Porsche facing "disadvantage" in Le Mans GTE fight
Porsche is facing a "disadvantage" in this year's Le Mans 24 Hours GTE Pro battle because of a lack of testing at the Circuit de la Sarthe with the new 911 RSR-19, says Richard Lietz.
Of the three manufacturers in GTE Pro this year, Porsche is the only one running with a new car, having introduced the RSR-19 at the start of the 2019/20 FIA World Endurance Championship season last September at Silverstone.
Aston Martin meanwhile goes into its third edition of Le Mans with the Vantage GTE, and Ferrari's 488 GTE is heading into its fifth outing in the French classic.
After the coronavirus pandemic caused this year's race to be rescheduled and the traditional pre-event test day to be cancelled, Lietz - who shares the #91 Porsche with Gianmaria Bruni and Frederic Makowiecki - says Porsche could be on the back foot initially.
“I think we have done everything to reduce this disadvantage as much as possible,” said Lietz. “We tested at Monza, we done a lot of test days, we’ve been in the simulator. We know our car with the low-downforce package, that’s for sure.
“But you can’t prepare for Le Mans anywhere other than Le Mans, because you only have here these high kerbs, and not in Monza or Le Castellet or Aragon, where there are long straights where you reach similar top speeds.
“Nevertheless, we have 10 hours [of track time] tomorrow, and it will be an intense 10 hours to analyse all the data correctly.
“I think the disadvantage will be there, especially at the beginning, but from Porsche’s side, Manthey’s side, we have done a really big effort to reduce it as much as possible.”
Lietz's squadmate Laurens Vanthoor however feels that any disadvantage is counter-balanced by the greater potential of the new car, which scored its second race win in the most recent round of the WEC at Spa last month.
#91 Porsche GT Team - Porsche 911 RSR - 19: Richard Lietz, Gianmaria Bruni, Frédéric Makowiecki
Photo by: Paul Foster
“We’re missing a little bit of knowledge with the Le Mans aero kit and so on, but I don’t see it as a problem, because I think Porsche is one of the best at preparing for this race,” said Vanthoor, who’ll share the #92 car with Kevin Estre and Michael Christensen.

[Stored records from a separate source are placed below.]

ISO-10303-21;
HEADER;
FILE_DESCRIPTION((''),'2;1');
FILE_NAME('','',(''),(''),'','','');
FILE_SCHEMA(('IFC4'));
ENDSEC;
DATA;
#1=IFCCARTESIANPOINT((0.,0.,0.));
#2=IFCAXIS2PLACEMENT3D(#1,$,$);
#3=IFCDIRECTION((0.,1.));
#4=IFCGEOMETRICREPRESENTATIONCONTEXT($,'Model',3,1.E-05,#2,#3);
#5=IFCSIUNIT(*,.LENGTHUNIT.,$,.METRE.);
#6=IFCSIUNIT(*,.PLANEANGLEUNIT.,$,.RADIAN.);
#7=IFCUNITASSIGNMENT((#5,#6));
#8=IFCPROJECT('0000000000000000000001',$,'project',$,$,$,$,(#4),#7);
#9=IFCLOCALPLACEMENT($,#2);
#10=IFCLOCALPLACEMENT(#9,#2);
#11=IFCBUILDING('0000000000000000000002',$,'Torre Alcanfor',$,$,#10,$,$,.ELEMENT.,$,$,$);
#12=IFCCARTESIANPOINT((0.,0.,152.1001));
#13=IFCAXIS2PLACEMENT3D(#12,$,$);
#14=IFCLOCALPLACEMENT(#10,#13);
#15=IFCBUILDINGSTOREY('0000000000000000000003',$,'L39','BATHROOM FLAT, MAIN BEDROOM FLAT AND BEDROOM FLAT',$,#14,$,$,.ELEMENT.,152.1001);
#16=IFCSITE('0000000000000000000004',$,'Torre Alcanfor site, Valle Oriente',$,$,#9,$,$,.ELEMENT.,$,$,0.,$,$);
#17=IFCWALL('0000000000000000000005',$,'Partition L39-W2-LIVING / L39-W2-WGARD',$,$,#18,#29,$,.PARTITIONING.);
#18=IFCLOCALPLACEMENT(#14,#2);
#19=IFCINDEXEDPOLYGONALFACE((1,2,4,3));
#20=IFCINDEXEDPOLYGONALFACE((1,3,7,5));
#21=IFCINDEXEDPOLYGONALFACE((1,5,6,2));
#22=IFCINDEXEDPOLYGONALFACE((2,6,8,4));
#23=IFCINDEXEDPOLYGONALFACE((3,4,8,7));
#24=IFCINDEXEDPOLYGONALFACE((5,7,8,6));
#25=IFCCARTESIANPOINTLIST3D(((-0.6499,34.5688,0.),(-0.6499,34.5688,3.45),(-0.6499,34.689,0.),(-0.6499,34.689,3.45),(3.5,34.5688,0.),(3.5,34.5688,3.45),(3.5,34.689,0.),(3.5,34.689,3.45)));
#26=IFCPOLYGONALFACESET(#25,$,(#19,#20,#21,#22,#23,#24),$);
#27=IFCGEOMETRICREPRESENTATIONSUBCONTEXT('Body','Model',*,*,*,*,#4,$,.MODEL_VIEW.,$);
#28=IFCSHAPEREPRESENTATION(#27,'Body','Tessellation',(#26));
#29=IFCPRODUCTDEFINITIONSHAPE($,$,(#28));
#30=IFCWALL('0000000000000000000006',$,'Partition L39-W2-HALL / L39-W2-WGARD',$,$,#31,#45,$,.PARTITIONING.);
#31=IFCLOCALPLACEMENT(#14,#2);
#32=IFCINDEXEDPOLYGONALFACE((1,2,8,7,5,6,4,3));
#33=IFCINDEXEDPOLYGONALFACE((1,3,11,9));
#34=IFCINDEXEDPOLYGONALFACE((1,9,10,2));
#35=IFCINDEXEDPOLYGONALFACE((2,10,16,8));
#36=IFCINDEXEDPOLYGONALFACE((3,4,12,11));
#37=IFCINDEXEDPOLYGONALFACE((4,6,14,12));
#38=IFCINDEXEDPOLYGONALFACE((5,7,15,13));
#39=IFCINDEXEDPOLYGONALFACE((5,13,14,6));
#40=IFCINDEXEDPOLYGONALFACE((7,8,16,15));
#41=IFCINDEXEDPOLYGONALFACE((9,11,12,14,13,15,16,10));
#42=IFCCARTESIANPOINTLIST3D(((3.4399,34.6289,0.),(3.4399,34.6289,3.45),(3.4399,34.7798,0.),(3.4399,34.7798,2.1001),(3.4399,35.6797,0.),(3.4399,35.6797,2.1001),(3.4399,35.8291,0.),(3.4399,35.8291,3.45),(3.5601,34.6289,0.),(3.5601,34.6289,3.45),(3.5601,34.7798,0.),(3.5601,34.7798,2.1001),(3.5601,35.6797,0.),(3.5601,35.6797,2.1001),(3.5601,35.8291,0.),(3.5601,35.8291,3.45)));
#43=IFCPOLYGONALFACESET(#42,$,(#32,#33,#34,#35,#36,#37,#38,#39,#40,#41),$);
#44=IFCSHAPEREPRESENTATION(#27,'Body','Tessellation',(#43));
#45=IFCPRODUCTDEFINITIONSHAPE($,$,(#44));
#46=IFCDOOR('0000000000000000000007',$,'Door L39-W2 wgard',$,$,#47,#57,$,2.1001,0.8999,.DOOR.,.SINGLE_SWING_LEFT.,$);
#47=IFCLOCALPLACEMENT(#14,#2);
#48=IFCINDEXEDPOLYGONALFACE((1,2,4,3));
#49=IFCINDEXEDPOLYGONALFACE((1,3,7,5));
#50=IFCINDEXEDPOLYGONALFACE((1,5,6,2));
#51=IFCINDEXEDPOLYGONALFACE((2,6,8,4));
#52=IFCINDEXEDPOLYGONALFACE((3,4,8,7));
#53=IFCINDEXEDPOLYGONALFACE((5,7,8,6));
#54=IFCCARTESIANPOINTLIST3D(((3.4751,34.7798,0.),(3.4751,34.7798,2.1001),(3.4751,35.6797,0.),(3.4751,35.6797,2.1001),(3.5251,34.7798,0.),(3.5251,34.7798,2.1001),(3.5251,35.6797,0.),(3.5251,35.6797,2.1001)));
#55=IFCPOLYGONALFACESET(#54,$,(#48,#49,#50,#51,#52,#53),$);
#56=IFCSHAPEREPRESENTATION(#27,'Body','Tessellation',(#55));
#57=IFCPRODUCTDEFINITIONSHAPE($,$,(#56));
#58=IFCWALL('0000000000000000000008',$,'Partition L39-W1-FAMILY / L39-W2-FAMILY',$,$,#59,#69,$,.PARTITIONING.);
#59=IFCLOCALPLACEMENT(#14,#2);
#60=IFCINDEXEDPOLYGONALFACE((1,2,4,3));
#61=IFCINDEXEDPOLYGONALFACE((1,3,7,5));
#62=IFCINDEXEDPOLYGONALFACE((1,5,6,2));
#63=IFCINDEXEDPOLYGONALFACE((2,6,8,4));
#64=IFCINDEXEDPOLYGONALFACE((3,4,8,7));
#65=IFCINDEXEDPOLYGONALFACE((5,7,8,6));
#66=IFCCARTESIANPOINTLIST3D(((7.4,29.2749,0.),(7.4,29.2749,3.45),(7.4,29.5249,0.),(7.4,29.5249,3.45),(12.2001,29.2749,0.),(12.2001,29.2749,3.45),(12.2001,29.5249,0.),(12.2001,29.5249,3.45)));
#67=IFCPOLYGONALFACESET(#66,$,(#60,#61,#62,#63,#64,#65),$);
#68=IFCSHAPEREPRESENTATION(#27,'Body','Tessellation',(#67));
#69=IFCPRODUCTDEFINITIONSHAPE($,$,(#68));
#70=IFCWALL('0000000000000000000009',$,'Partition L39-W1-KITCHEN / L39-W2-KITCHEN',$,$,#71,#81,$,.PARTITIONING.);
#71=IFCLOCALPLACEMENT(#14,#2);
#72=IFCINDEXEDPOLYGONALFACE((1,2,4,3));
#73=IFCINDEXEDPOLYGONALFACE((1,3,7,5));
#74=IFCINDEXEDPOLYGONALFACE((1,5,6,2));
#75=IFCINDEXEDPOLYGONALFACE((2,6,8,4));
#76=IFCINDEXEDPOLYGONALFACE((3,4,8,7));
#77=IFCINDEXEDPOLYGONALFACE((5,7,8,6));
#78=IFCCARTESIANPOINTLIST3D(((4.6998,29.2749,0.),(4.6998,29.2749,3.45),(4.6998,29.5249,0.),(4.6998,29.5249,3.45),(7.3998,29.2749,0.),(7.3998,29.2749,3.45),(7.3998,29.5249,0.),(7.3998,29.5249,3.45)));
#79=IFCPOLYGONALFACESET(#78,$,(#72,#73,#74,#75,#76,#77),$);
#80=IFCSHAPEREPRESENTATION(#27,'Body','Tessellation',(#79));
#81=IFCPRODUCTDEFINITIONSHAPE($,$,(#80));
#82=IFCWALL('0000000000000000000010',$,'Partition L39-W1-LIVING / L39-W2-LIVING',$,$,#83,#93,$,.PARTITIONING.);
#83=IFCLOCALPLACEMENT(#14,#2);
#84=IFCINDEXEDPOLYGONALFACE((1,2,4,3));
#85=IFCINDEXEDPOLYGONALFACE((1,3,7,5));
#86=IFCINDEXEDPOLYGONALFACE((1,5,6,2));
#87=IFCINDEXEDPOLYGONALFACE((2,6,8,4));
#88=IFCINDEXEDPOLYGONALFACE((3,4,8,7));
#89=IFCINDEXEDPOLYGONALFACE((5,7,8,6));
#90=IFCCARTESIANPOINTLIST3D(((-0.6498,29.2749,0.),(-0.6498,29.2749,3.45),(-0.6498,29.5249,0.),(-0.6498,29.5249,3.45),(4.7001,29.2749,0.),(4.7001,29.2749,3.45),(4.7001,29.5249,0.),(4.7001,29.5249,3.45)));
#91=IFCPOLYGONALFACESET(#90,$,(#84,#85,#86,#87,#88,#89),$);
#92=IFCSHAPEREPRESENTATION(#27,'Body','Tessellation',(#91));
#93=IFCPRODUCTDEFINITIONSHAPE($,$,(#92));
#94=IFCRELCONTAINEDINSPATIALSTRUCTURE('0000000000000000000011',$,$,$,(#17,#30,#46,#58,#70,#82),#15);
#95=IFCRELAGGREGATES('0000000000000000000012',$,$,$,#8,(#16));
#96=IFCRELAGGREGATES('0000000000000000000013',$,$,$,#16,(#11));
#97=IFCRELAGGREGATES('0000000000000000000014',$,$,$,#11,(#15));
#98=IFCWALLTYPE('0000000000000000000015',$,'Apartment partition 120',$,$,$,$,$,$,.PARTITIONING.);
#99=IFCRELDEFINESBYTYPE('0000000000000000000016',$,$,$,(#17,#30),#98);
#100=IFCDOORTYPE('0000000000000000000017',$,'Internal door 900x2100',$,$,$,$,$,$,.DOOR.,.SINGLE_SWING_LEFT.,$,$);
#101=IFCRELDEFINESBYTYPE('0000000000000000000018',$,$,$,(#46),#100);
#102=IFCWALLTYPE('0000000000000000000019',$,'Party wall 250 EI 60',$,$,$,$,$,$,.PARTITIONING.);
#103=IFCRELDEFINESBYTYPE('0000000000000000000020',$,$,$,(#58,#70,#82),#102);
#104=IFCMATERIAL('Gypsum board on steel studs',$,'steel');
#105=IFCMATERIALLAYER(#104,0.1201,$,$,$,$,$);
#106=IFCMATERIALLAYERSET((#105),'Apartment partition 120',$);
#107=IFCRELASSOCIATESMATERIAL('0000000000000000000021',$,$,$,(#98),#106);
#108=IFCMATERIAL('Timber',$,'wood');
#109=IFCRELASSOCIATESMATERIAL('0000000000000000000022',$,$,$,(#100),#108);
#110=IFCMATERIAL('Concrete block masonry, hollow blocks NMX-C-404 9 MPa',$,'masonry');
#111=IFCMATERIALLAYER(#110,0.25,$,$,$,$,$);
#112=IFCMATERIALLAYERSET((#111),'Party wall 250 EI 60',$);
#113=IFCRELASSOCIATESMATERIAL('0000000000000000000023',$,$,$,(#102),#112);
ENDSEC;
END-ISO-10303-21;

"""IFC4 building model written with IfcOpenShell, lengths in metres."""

from ifc_helpers import new_model, si_unit, direction, frame, frame_2d, origin, place, context, subcontext, project, spatial, rectangle, extrude, material, layer, layer_set, type_object, element, fill, save


model = new_model("IFC4")

# Units and contexts
model_context = context("Model", 3, precision=1e-05, world=origin(), true_north=direction((0.0, 1.0)))
body_context = subcontext(model_context, "Body", "Model", "MODEL_VIEW")
ifc_project = project(units=[si_unit("LENGTHUNIT", "METRE"), si_unit("PLANEANGLEUNIT", "RADIAN")], contexts=[model_context])

# Site, building, storey
site_placement = place(None, origin())
site = spatial("IfcSite", under=ifc_project, at=site_placement, Name="Torre Alcanfor site, Valle Oriente", CompositionType="ELEMENT", RefElevation=0.0)
building_placement = place(site_placement, origin())
building = spatial("IfcBuilding", under=site, at=building_placement, Name="Torre Alcanfor", CompositionType="ELEMENT")
storey_placement = place(building_placement, frame((0.0, 0.0, 152.1001)))
storey = spatial("IfcBuildingStorey", under=building, at=storey_placement, Name="L39", Description="BATHROOM FLAT, MAIN BEDROOM FLAT AND BEDROOM FLAT", CompositionType="ELEMENT", Elevation=152.1001)

# Shared definitions
ifc_material_1 = material(Name="Gypsum board on steel studs", Category="steel")
ifc_layer_1 = layer(ifc_material_1, 0.1201)
ifc_layer_set_1 = layer_set([ifc_layer_1], Name="Apartment partition 120")
wall_type_1 = type_object("IfcWallType", Name="Apartment partition 120", PredefinedType="PARTITIONING", material=ifc_layer_set_1)

# Shared definitions
ifc_material_2 = material(Name="Timber", Category="wood")
door_type_1 = type_object("IfcDoorType", Name="Internal door 900x2100", OperationType="SINGLE_SWING_LEFT", PredefinedType="DOOR", material=ifc_material_2)

# Wall
wall_1_placement = place(storey_placement, frame((-0.6499, 34.6289, 0.0), z_axis=(0.0, 0.0, 1.0), x_axis=(1.0, 0.0, 0.0)))
element("IfcWall", 1, at=wall_1_placement, inside=storey, type_object=wall_type_1, Name="Partition L39-W2-LIVING / L39-W2-WGARD", PredefinedType="PARTITIONING", context=body_context, shape_type="SweptSolid", body=[
    extrude(rectangle(XDim=4.1499, YDim=0.1201, at=frame_2d((2.075, 0.0))), origin(), (0.0, 0.0, 1.0), 3.45),
])

# Wall, opening, door
wall_2_placement = place(storey_placement, frame((3.5, 34.6289, 0.0), z_axis=(0.0, 0.0, 1.0), x_axis=(0.0, 1.0, 0.0)))
wall_2 = element("IfcWall", 2, at=wall_2_placement, inside=storey, type_object=wall_type_1, Name="Partition L39-W2-HALL / L39-W2-WGARD", PredefinedType="PARTITIONING", context=body_context, shape_type="SweptSolid", body=[
    extrude(rectangle(XDim=1.2002, YDim=0.1201, at=frame_2d((0.6001, 0.0))), origin(), (0.0, 0.0, 1.0), 3.45),
])
opening_1_placement = place(wall_2_placement, frame((0.1509, 0.0, 0.0)))
opening_1 = element("IfcOpeningElement", 3, at=opening_1_placement, cuts=wall_2, PredefinedType="OPENING", context=body_context, shape_type="SweptSolid", body=[
    extrude(rectangle(XDim=0.8999, YDim=2.1001, at=frame_2d((0.45, 1.05))), frame((0.0, 0.0701, 0.0), z_axis=(0.0, -1.0, 0.0), x_axis=(1.0, 0.0, 0.0)), (0.0, 0.0, 1.0), 0.1401),
])
door_1_placement = place(opening_1_placement, origin())
door_1 = element("IfcDoor", 4, at=door_1_placement, inside=storey, type_object=door_type_1, Name="Door L39-W2 wgard", OperationType="SINGLE_SWING_LEFT", OverallHeight=2.1001, OverallWidth=0.8999, PredefinedType="DOOR", context=body_context, shape_type="SweptSolid", body=[
    extrude(rectangle(XDim=0.8999, YDim=2.1001, at=frame_2d((0.45, 1.05))), frame((0.0, 0.0249, 0.0), z_axis=(0.0, -1.0, 0.0), x_axis=(1.0, 0.0, 0.0)), (0.0, 0.0, 1.0), 0.05),
])
fill(opening_1, door_1)

# Walls
ifc_material_3 = material(Name="Concrete block masonry, hollow blocks NMX-C-404 9 MPa", Category="masonry")
ifc_layer_2 = layer(ifc_material_3, 0.25)
ifc_layer_set_2 = layer_set([ifc_layer_2], Name="Party wall 250 EI 60")
wall_type_2 = type_object("IfcWallType", Name="Party wall 250 EI 60", PredefinedType="PARTITIONING", material=ifc_layer_set_2)
wall_3_placement = place(storey_placement, frame((12.2, 29.3999, 0.0), z_axis=(0.0, 0.0, 1.0), x_axis=(-1.0, 0.0, 0.0)))
element("IfcWall", 5, at=wall_3_placement, inside=storey, type_object=wall_type_2, Name="Partition L39-W1-FAMILY / L39-W2-FAMILY", PredefinedType="PARTITIONING", context=body_context, shape_type="SweptSolid", body=[
    extrude(rectangle(XDim=4.8, YDim=0.25, at=frame_2d((2.3999, 0.0))), origin(), (0.0, 0.0, 1.0), 3.45),
])
wall_4_placement = place(storey_placement, frame((7.3999, 29.3999, 0.0), z_axis=(0.0, 0.0, 1.0), x_axis=(-1.0, 0.0, 0.0)))
element("IfcWall", 6, at=wall_4_placement, inside=storey, type_object=wall_type_2, Name="Partition L39-W1-KITCHEN / L39-W2-KITCHEN", PredefinedType="PARTITIONING", context=body_context, shape_type="SweptSolid", body=[
    extrude(rectangle(XDim=2.7, YDim=0.25, at=frame_2d((1.3501, 0.0))), origin(), (0.0, 0.0, 1.0), 3.45),
])
wall_5_placement = place(storey_placement, frame((4.7, 29.3999, 0.0), z_axis=(0.0, 0.0, 1.0), x_axis=(-1.0, 0.0, 0.0)))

“There will be some question marks to solve, but I don’t see it as costing us a chance at the race at all. I think this car is better than the 2017 car, has more potential, so we’ll see.”
Thiim bullish of Aston chances
Aston Martin driver Nicki Thiim believes that the British manufacturer should be in a position to compete for Le Mans honours this year, especially after a late Balance of Performance change robbed the Vantage GTE of its competitiveness last year.
The power boost decrease given to Aston after it took pole for the class in 2019 has essentially been reversed in the latest BoP given for the race.
"We’ve had this car for two and a half years now, we know from all the data we collected what the car needs and now I think we can bring a tyre at the same level as Porsche and Ferrari," Thiim told Motorsport.com.
"What we saw last year, I still have nightmares about it. The first stint was alright, but the second stint our tyres just died. Hopefully this year we got that sorted so we can be competitive for 24 hours."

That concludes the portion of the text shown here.